There was a little incident this evening which broke up the monotony of work, for a while. I was tapping the chewed-up wet nib of my ink pen onto the base of my desk light; one of those touch-lamps, so as I did it the light became dim, bright, brighter, then clicked off. Then again, dim, bright, brighter, off, dim again, bright, brighter, then darkness, bouncing a strobe effect off the walls that was hypnotizing to watch.
Eventually, this attracted the attention of a small fly. It flew in through the crack of open window that I’d left to air the room: they always find the cracks. It began circling the lamp as I played with my pen, and the whole time I was secretly watching the movements of the circling fly; this fly would occasionally land, on the piles of strewn-up paper, sweet wrappers, dirty tissues, teabags, scratched-off beer labels and chewed-up pens I had gathered around me over the past few weeks, but always jump off again too quickly for me to take action. It was as if it was afraid to land on the pulsating light, instead spiralling closer and closer without ever touching it. I stopped the cycle on the brightest setting and the fly landed. The hundred watt bulb blazed through the shade. I saw red. The feeling was bizarre and unexpected. This was my chance. Slowly, agonisingly, the fly lifted its wings and hopped the short distance onto the very top of the lampshade. There was a muted echo of a buzz. I silently lifted the textbook in my hand high into the air and with grace and style, at last brought it crashing down upon the offender.

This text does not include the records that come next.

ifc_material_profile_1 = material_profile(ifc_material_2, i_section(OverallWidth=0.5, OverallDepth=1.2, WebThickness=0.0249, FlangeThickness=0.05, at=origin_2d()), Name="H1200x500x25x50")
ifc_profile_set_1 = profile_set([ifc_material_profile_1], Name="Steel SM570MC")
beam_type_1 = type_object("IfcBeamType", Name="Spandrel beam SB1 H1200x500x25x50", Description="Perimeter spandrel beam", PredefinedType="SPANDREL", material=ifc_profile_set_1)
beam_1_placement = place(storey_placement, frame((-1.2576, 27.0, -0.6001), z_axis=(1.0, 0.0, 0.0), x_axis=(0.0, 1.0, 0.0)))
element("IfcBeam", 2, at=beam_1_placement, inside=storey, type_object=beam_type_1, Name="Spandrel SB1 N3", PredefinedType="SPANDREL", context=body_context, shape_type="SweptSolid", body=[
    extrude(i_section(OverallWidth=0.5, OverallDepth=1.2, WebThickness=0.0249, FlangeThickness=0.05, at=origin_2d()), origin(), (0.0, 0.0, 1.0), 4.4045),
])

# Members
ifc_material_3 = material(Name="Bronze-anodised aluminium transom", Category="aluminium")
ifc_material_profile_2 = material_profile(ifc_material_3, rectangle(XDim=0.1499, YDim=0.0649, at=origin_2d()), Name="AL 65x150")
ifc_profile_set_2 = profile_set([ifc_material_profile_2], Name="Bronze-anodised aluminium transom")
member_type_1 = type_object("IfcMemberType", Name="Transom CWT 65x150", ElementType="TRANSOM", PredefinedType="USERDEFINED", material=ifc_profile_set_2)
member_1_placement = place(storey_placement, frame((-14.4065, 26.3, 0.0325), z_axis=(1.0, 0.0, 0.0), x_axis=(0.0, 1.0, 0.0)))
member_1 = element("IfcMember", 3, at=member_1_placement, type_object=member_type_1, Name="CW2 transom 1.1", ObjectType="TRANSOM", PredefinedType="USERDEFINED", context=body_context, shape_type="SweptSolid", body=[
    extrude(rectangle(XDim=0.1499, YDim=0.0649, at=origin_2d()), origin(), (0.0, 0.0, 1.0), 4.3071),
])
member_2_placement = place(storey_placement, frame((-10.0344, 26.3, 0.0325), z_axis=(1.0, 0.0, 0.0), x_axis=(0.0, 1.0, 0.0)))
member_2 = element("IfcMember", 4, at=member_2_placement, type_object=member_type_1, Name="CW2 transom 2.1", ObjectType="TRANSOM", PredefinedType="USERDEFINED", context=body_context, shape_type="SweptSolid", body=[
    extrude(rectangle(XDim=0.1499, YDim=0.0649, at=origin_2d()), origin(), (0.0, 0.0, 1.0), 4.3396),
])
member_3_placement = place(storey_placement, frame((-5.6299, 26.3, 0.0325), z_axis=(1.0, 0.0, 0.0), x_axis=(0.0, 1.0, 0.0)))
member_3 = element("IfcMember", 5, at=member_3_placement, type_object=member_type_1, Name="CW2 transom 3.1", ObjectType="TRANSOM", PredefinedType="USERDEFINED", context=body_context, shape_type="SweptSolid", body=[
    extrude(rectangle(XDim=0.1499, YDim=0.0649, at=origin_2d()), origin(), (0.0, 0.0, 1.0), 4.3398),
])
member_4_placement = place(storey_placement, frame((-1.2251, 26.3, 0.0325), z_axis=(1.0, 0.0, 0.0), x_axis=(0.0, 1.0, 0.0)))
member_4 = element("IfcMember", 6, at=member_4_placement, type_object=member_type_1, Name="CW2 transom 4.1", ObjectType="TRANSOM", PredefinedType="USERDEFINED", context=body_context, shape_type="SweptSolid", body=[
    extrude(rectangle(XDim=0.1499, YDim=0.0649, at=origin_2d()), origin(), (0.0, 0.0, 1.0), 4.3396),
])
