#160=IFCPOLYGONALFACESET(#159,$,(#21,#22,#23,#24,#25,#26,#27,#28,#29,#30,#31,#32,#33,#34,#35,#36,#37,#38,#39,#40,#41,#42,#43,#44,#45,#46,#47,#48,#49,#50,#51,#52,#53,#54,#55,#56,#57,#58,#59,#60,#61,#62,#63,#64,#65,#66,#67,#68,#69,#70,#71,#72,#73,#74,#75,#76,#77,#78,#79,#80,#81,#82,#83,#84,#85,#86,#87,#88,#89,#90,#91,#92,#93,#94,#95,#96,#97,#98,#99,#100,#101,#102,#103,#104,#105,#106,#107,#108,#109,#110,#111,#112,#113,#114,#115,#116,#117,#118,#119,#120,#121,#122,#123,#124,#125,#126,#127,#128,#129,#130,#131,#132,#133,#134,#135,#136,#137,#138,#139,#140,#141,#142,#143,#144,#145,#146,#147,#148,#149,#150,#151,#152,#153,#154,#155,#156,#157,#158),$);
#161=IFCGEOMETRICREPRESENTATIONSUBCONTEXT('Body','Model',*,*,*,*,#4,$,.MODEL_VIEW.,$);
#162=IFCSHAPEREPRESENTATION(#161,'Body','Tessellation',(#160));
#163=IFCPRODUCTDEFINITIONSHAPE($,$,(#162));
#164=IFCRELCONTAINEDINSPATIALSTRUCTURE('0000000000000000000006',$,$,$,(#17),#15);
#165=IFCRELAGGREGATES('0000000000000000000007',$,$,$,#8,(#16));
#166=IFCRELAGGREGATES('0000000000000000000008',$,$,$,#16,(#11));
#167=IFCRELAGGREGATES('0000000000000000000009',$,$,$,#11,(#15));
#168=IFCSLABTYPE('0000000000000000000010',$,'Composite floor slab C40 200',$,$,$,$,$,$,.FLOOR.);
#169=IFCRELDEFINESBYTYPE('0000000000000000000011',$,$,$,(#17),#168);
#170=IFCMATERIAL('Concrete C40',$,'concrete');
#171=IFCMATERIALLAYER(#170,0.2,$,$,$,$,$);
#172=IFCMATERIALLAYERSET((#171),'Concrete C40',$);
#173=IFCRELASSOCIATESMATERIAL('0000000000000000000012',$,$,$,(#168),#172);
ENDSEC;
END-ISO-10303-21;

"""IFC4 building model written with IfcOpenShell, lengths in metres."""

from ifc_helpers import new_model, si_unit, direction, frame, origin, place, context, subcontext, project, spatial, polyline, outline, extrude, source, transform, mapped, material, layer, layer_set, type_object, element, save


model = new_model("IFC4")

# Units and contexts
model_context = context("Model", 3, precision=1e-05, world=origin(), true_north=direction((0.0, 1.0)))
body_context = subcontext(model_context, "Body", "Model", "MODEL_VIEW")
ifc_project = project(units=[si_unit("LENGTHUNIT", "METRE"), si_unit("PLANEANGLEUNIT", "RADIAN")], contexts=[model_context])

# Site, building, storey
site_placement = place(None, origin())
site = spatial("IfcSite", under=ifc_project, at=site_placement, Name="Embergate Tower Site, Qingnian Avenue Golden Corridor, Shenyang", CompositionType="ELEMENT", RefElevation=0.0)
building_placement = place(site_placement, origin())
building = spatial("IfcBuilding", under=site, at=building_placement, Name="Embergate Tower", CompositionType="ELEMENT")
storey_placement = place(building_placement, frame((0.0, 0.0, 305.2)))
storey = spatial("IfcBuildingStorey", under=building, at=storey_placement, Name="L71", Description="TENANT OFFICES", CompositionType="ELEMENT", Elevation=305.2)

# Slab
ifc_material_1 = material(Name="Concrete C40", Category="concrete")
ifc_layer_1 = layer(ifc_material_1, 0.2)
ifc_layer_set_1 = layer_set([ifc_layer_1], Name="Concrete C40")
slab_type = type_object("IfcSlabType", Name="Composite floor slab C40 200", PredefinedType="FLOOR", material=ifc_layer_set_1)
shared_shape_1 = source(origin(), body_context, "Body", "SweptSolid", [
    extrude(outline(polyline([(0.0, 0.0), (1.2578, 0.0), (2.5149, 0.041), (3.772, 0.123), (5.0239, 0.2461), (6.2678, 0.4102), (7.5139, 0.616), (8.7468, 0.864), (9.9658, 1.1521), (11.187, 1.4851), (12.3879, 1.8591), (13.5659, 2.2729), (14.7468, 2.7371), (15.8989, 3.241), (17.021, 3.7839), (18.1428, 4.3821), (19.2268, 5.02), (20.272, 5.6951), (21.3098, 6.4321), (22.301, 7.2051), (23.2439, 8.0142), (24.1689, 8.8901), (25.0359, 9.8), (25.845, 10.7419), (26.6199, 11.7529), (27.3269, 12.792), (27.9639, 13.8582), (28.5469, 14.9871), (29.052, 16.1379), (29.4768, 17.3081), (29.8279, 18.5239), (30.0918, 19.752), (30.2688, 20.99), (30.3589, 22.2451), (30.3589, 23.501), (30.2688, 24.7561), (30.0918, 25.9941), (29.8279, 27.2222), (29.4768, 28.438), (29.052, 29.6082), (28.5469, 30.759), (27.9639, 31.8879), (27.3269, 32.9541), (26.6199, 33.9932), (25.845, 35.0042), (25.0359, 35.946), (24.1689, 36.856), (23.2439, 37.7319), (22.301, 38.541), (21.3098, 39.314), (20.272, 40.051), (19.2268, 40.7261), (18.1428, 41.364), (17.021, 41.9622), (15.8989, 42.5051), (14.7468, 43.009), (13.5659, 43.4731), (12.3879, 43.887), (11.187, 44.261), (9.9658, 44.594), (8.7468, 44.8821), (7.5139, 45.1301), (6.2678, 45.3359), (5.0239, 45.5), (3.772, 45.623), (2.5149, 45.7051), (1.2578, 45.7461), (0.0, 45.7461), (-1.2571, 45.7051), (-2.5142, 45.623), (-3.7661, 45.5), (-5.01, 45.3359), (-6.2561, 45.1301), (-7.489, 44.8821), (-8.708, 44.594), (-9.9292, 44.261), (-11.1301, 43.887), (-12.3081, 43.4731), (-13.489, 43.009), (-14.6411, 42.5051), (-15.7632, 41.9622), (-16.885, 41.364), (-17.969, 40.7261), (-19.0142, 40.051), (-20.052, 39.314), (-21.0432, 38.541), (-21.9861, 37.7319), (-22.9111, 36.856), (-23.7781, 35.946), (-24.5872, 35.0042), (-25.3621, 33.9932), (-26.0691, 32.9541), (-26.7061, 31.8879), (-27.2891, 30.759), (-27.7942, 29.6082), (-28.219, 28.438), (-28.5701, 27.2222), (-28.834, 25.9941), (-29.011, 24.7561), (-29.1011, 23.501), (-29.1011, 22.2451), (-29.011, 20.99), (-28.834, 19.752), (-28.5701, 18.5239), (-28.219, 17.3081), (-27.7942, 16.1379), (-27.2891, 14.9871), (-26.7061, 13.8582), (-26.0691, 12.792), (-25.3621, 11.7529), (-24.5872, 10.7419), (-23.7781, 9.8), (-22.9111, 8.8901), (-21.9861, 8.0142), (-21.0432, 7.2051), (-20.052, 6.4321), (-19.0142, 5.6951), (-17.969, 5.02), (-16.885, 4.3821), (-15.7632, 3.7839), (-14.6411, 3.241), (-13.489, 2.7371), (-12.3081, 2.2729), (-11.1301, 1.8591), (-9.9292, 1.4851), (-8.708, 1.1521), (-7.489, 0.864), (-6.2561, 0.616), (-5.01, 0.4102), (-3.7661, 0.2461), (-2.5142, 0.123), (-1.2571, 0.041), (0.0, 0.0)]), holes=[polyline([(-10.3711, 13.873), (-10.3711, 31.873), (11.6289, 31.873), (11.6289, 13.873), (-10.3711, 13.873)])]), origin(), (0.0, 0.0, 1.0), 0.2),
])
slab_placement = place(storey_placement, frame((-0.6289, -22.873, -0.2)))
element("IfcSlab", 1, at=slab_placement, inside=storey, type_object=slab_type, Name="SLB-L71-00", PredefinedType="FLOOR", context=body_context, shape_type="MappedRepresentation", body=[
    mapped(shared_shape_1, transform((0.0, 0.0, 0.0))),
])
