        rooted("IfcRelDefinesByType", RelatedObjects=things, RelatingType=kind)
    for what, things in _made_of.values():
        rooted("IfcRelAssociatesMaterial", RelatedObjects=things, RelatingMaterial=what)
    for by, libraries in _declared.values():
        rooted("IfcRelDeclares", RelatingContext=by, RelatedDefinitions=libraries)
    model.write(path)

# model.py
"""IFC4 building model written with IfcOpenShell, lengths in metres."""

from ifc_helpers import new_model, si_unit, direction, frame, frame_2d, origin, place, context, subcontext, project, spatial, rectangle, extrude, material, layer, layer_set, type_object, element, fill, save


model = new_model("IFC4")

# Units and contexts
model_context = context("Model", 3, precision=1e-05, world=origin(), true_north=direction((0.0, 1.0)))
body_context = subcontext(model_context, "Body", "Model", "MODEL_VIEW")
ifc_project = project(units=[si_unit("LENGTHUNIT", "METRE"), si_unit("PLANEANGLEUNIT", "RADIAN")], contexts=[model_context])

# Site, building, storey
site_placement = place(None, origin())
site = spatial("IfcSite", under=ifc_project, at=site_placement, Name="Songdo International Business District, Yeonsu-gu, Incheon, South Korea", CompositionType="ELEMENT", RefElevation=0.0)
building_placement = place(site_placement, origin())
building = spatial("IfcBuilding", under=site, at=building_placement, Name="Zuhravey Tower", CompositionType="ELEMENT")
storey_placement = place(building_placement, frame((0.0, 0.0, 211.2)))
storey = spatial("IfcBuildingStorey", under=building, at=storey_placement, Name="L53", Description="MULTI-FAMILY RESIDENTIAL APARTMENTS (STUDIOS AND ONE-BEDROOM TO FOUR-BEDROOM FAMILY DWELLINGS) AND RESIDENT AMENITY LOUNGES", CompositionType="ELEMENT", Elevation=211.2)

With a sudden flash of light and a deafening pop the lampshade crumpled and the bulb exploded, strewing broken glass across my notes and into my washing, interspersing with the piles of junk with which I had learned to surround myself and spraying in glittering shards across my carpet. I was plunged into a darkness that was almost complete, save for the streetlamps that lit the quad casting an orange glow on my ceiling that my eyes gradually adjusted to see. The dust settled, and I saw that the fly was dead. I sat there, and I looked carefully at the mess that I had made, in the half-light, for a few minutes, and then it dawned on me that I had shards of glass on my pyjamas. I went into the communal kitchen to clear myself up, and, sighing, made myself a fresh cup of tea. The old one probably had glass in the bottom.
I feel so helpless. It looks as if I’ll have to work without a desk lamp until the dissertation’s finished. And there’s no time to ask anybody to fix the ceiling hole, either. The nightmares have been getting worse. But I’m pouring myself into my work, at least for now. It seems like the most sensible thing to do under the circumstances. I can only faintly trust a larger hope that seems so hopelessly out of reach: that I’ll finish, and everything will get fixed and work out, and I’ll be home in time for Christmas so I can cook and bake and break bread with my family as if none of this term ever happened. Maybe that’s already true. I feel like I can hardly remember any of it as it is.